I had left the country in the late 1960s when people of Asian origin started leaving the country. I returned to Uganda in 1986 and there are things I had got so used to and I thought they were part of life. Among these things included the telephone. But I was shocked when I applied for a telephone line to my home on Wampewo Avenue and I was told to wait for at least four months to get one.
I could not believe it. I immediately started doing research on telephones as I carried on with my new job as a deputy general manager Coffee Marketing Board, Mombasa office.

I had some background knowledge about telecommunication when I worked with a computer company in the US. I worked on a project called upper net, which dealt with data switching at the beginning of the Internet.
Upon my return, I seriously thought of how to have a mobile phone in Uganda. Fortunately, I ran into a good friend of mine, Colin Sentongo. I told him about my phone problem and how I thought it could be solved. He told me I was not the only one thinking about it. He told me there were some people with the same thinking whom he wanted me to meet.
That was when I met an Indian called Shiraz Hudani and later Azim Kassim. I met another person based in Sweden. They had a family business called Clovegem, a fish-processing plant in Entebbe. We put our plans together and that was how CELTEL Cellular Telephone was born.

Hurdles on the way
In 1993, armed with our idea and work plan, we approached the Uganda Posts and Telecommunication for a licence, but they refused. At that time, they had the monopoly in telecommunication. After listening to us, they said they were after all planning to launch a mobile network.
But a one Patrick Masambu saw merit in what we had proposed to them and became very helpful.

In order to have the monopoly broken, I had to make sure there was a law that liberalises the sector. We petitioned Mayanja Nkangi, the then Attorney General, and he bought the idea. But the one person to whom I owe much appreciation to the passing of the law enabling us to start operation is the current Prime Minister Ruhakana Rugunda, then minister of Transport and Communications.
With the licence secured, we looked for other partners, and this was how Vodafone and Mo Ibrahim, through his company Mobile Systems International MSI, came on board.
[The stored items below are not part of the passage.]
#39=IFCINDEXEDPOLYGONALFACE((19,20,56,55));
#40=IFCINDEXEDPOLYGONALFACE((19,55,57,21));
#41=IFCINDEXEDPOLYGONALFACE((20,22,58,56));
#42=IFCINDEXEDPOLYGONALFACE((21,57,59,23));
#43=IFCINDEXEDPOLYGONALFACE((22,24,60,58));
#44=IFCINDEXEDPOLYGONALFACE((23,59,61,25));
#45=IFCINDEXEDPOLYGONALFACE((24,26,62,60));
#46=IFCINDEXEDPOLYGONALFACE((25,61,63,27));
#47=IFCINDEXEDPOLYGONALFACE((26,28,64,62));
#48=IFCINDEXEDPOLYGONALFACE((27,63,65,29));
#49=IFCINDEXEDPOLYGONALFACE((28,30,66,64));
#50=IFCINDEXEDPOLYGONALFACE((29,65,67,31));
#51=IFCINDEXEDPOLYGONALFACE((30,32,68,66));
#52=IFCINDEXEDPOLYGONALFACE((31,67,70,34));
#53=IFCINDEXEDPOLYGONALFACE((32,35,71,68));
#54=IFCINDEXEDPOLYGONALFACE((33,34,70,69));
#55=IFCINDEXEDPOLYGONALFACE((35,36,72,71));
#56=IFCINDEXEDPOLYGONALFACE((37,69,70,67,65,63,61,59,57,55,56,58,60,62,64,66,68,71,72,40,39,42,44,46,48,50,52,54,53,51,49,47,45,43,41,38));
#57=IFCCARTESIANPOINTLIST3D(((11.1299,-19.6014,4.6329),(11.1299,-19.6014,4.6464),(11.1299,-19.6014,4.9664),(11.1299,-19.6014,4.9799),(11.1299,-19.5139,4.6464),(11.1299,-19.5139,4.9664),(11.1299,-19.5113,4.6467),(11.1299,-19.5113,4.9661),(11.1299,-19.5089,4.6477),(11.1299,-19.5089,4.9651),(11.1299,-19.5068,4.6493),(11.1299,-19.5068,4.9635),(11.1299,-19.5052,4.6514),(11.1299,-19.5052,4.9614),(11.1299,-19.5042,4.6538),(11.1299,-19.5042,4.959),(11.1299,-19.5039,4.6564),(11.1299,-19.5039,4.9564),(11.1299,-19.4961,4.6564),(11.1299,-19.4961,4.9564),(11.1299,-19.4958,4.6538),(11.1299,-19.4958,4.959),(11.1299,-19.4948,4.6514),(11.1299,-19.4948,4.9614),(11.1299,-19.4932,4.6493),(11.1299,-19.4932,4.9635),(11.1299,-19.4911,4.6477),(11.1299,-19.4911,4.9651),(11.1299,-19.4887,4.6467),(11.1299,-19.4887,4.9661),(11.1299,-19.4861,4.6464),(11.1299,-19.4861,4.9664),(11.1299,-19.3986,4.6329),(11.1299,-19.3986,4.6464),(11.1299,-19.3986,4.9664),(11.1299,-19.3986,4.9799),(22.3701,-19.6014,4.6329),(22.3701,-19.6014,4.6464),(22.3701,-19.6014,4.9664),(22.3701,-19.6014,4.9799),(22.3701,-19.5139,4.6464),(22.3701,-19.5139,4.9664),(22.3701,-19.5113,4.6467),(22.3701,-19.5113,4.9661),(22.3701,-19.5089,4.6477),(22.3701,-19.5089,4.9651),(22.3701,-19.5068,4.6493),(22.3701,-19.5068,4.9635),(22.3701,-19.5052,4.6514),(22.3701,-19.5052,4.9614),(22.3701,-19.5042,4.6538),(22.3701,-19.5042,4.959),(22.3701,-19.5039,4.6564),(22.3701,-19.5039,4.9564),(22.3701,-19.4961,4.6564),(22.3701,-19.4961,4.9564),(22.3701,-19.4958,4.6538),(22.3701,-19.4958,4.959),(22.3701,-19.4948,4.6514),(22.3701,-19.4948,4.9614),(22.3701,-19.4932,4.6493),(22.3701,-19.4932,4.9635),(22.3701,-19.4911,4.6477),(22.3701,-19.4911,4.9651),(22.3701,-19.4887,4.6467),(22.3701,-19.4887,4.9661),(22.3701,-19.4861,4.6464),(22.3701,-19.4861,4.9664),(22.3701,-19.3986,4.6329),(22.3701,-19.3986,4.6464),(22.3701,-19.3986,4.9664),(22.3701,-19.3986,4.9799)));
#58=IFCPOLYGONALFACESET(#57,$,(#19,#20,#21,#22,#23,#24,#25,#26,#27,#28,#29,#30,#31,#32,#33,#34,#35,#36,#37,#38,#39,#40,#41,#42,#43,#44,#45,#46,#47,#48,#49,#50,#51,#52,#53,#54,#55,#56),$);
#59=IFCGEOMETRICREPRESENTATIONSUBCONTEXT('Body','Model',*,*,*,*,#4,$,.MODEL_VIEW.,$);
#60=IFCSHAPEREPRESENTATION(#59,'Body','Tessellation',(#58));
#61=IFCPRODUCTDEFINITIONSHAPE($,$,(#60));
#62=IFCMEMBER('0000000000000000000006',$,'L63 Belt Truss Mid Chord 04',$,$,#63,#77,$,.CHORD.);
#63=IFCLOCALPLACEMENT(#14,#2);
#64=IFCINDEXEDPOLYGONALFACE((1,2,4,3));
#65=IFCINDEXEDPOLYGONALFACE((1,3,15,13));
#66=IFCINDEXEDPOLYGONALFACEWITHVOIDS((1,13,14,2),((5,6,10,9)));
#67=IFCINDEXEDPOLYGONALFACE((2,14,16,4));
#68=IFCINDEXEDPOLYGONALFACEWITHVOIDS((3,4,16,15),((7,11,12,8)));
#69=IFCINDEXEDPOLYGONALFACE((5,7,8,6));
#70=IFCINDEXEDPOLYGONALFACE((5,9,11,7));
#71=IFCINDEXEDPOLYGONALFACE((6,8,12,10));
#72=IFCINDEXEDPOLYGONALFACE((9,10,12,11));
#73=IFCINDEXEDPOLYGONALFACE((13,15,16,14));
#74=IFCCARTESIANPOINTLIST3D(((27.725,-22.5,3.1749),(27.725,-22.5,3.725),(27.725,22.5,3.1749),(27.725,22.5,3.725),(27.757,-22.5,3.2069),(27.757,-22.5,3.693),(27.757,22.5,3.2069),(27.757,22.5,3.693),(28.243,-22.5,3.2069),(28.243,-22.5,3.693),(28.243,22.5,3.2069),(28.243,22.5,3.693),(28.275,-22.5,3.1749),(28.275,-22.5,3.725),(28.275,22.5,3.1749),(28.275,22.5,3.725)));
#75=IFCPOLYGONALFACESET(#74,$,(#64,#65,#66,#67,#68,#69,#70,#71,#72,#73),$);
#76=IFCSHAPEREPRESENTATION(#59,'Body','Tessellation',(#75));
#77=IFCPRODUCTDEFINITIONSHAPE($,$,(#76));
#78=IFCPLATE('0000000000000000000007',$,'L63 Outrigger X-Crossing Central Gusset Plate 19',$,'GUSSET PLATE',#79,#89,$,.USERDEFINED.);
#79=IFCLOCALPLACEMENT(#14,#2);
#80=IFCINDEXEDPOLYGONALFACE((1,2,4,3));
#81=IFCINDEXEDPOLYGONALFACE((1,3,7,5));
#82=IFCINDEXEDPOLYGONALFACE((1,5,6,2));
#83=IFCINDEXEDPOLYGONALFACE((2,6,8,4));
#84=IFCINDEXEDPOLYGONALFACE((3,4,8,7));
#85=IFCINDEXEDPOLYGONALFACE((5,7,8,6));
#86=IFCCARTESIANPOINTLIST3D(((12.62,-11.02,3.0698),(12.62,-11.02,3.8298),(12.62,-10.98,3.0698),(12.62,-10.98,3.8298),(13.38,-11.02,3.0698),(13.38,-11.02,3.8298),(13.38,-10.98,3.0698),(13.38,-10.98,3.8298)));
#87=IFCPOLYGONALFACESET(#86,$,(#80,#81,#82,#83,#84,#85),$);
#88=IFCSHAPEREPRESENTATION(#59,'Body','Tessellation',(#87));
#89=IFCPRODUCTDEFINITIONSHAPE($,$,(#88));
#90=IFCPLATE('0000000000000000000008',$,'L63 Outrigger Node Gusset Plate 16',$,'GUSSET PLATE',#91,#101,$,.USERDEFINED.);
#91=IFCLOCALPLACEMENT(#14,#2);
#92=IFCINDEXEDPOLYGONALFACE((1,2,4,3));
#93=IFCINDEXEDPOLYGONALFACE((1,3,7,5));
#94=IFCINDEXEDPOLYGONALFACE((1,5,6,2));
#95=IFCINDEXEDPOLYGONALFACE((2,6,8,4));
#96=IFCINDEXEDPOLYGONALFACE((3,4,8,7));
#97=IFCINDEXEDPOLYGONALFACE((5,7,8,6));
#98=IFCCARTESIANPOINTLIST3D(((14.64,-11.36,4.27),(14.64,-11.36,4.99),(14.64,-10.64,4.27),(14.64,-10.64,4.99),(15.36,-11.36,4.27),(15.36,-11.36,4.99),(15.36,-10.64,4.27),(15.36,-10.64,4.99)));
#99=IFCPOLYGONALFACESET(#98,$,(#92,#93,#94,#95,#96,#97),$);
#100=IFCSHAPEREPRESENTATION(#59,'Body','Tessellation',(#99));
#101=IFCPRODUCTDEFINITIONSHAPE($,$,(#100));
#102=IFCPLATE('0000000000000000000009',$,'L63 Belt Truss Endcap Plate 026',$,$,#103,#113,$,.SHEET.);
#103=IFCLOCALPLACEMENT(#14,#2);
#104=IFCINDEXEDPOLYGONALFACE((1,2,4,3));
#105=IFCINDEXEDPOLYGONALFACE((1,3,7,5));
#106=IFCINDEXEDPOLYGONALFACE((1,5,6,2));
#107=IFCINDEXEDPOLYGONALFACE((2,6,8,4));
Mo Ibrahim later bought out other shareholders and became the majority shareholder.

Technology
At the time, analogue mobile phones were working well and cheap. But I rejected that option because their technology was soon getting outdated. I decided that we use the more advanced Global System for Mobile (GSM). This is the one which was being used in most Scandinavian countries and some European ones as well.
At the time we opened shop, we had to bring in the handsets. This is not how telecom companies make money, they make money through airtime sales.
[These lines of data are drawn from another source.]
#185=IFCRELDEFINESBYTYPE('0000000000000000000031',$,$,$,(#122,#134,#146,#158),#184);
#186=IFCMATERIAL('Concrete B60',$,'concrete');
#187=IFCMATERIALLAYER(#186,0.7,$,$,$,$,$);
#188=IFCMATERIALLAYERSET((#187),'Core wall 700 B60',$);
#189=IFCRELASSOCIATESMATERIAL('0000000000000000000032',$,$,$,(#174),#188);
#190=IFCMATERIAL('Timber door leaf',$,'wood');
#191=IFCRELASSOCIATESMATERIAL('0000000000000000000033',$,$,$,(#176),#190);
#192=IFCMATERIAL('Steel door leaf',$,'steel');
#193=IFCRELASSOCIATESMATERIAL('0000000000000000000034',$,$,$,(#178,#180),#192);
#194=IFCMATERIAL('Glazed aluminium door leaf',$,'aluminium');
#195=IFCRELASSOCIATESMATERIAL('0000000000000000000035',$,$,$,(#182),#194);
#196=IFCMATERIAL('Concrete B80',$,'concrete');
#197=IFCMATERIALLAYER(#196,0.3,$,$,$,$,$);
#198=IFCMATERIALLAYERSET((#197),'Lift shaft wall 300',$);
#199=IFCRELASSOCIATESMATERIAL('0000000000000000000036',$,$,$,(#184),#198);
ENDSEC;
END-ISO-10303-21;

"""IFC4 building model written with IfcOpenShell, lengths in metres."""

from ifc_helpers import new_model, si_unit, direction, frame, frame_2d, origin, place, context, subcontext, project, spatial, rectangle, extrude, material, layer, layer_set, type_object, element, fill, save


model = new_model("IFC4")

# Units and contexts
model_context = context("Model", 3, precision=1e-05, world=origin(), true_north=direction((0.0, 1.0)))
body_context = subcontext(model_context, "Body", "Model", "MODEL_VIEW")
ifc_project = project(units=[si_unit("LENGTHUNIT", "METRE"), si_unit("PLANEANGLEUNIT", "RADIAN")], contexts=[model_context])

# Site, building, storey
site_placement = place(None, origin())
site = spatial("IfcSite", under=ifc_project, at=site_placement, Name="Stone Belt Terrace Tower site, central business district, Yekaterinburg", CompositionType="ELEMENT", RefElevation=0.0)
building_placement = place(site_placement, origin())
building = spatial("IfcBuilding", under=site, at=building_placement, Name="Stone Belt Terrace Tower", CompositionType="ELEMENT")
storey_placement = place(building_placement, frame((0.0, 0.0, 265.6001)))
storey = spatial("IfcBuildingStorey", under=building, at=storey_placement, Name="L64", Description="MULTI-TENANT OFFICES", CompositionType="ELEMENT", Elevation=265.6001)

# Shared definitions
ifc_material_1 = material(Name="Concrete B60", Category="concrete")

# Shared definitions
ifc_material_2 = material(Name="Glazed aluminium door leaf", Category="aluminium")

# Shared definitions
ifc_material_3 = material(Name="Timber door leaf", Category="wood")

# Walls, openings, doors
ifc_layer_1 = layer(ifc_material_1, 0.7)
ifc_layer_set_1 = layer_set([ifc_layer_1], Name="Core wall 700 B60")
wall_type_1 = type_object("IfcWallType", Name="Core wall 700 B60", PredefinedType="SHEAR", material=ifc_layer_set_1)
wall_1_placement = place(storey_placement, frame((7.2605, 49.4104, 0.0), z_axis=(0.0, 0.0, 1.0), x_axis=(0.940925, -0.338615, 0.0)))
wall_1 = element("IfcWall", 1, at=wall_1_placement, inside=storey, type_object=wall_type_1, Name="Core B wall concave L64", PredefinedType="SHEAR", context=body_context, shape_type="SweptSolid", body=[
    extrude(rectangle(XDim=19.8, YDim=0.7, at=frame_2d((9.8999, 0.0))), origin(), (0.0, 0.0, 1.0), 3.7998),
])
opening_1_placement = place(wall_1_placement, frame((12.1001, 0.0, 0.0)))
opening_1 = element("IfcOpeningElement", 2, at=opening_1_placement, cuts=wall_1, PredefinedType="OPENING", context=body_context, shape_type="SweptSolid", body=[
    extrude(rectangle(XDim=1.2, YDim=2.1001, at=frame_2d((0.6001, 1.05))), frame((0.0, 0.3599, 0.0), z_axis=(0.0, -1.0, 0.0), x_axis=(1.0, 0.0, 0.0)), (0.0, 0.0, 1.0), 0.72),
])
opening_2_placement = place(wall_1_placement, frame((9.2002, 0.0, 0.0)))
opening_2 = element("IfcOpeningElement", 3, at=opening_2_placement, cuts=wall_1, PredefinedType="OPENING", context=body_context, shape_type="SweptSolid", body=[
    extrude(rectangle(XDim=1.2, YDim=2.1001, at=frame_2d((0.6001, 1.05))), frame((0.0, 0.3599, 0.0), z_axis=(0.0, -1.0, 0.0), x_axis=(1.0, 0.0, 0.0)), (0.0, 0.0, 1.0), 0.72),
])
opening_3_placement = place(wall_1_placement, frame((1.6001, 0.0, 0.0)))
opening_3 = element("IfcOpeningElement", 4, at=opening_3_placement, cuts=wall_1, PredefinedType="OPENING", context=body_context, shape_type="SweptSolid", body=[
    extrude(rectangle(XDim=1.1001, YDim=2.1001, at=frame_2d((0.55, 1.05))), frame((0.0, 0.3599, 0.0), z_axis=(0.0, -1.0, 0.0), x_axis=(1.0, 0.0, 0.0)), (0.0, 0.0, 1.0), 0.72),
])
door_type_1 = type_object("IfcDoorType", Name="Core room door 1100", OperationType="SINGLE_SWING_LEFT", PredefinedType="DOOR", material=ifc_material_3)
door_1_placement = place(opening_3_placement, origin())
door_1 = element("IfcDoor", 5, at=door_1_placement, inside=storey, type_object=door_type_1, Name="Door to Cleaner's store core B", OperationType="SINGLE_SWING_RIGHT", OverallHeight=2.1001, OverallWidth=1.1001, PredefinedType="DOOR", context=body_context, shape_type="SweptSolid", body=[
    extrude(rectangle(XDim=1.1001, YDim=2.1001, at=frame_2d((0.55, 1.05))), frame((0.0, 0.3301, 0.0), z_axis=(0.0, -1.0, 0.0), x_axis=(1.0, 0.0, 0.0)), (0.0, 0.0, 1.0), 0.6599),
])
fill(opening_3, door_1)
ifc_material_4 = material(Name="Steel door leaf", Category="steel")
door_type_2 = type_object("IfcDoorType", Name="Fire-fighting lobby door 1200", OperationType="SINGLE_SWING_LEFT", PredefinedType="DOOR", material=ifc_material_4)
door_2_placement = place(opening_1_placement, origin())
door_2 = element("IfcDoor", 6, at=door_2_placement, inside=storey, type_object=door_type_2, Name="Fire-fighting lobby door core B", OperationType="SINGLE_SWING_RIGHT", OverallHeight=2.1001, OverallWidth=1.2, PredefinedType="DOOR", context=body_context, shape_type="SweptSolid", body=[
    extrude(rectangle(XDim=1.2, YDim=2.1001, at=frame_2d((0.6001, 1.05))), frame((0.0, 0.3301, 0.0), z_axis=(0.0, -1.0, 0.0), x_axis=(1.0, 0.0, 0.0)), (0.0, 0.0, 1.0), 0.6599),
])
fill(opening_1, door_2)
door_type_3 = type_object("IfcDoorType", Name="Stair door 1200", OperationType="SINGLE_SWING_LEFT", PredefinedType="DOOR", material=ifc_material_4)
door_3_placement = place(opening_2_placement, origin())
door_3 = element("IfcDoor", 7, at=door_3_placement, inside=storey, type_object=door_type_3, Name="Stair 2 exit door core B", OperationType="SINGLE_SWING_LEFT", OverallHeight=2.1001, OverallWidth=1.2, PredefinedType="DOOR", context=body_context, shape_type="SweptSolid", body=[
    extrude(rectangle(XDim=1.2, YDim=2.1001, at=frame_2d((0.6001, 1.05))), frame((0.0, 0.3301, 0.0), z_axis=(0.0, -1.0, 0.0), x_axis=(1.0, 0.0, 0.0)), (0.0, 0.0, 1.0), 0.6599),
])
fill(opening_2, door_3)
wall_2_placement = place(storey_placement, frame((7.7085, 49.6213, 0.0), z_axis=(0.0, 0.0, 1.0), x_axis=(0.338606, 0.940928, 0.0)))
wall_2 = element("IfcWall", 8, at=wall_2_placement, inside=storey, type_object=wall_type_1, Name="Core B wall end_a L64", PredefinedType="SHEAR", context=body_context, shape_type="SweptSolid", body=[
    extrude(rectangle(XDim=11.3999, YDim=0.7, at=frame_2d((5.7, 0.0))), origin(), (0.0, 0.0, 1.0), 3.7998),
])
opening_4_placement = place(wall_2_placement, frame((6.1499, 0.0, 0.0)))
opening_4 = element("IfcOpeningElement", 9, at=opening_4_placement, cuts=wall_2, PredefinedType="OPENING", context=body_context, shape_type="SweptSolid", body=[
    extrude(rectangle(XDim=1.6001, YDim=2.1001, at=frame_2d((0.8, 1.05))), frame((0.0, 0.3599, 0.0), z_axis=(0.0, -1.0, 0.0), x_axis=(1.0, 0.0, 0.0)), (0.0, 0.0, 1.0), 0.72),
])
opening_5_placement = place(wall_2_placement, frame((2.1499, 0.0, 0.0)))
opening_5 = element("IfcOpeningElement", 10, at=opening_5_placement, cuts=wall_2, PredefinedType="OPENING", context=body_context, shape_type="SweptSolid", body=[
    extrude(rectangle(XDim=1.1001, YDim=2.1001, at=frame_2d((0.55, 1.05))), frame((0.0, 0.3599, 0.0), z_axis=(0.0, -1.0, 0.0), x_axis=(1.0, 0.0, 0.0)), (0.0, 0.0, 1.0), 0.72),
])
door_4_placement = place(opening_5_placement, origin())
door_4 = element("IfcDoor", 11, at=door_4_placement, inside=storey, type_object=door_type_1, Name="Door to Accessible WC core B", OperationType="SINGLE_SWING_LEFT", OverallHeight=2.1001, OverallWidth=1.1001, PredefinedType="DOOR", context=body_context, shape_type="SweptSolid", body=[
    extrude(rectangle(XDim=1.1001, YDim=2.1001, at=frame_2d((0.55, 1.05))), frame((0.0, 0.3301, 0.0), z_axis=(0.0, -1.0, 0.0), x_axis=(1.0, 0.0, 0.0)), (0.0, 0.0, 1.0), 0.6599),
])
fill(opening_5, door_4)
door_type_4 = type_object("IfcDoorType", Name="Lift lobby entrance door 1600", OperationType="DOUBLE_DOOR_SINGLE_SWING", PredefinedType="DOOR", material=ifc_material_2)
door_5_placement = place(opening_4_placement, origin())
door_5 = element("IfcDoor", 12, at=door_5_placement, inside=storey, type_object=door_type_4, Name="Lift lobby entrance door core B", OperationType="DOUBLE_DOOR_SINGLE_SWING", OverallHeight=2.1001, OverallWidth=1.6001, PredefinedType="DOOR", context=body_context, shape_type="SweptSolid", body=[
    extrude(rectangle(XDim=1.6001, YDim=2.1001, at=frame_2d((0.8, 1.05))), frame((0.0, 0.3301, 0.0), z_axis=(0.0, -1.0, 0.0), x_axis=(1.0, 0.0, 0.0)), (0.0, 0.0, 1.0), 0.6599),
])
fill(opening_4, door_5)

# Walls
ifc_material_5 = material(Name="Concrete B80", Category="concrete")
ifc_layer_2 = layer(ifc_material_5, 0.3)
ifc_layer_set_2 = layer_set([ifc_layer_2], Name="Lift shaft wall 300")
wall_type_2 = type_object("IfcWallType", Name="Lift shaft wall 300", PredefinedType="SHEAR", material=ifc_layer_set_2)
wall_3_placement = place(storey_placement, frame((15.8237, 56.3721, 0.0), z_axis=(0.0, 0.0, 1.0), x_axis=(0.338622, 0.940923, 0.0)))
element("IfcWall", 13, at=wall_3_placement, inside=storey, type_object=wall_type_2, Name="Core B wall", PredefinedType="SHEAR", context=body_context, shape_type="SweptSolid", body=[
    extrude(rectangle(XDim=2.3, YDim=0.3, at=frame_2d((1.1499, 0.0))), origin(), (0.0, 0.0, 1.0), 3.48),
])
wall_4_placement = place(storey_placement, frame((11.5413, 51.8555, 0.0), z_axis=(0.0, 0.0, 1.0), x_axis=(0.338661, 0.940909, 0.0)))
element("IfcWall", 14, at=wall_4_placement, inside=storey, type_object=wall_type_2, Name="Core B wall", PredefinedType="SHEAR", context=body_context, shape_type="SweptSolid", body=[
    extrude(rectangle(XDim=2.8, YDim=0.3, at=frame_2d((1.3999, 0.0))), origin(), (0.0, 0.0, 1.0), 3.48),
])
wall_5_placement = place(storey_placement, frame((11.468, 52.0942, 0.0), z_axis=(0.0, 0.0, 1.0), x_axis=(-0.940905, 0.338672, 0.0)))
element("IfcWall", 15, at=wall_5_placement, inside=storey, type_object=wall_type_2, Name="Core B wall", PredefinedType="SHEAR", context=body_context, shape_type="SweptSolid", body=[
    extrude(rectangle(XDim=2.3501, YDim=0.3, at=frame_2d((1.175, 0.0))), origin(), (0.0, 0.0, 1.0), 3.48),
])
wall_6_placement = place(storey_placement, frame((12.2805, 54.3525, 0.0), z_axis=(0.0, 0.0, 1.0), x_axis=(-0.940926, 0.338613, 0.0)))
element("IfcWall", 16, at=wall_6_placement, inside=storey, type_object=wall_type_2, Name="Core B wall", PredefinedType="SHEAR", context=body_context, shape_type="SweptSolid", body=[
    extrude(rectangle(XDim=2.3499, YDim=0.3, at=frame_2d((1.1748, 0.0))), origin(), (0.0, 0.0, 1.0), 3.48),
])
Therefore, the cost of purchasing handsets to break the ground in mobile telecommunication made it a very expensive venture hence the high costs. Besides, there was a loan to be serviced. When we launched in 1995, we were using digital not analogue.
Soon before the official launch in 1995, I was appointed the managing director Celtel Uganda. Despite being a shareholder and founder, Shariz Hudan and I, were part of the people interviewed by Ernest and Young which had been contracted to look for a managing director.

Dr Specioza Wandira Kazibwe, then vice president, officially opened our shop in 1995. She made the first mobile international call from Uganda to England. I gave President Museveni his first mobile phone, a Motorolla.
Since then, we opened the door for more companies to follow us and with the successful Celtel Uganda, I went on to open Celtel in other central and west African countries.
When Mo Ibrahim became the majority shareholder, the company went through changes and it was sold first to Zain, before changing hands and name again to Bhati Airtel.

Raising capital
We invested $16m. Almost 60 per cent of it was raised through loans from International Finance Corporation (IFC), which is part of the World Bank, Commonwealth Development Corporation (CDC), MSI of Mo Ibrahim, Vodafone, Clovergem fish factory and some of my savings.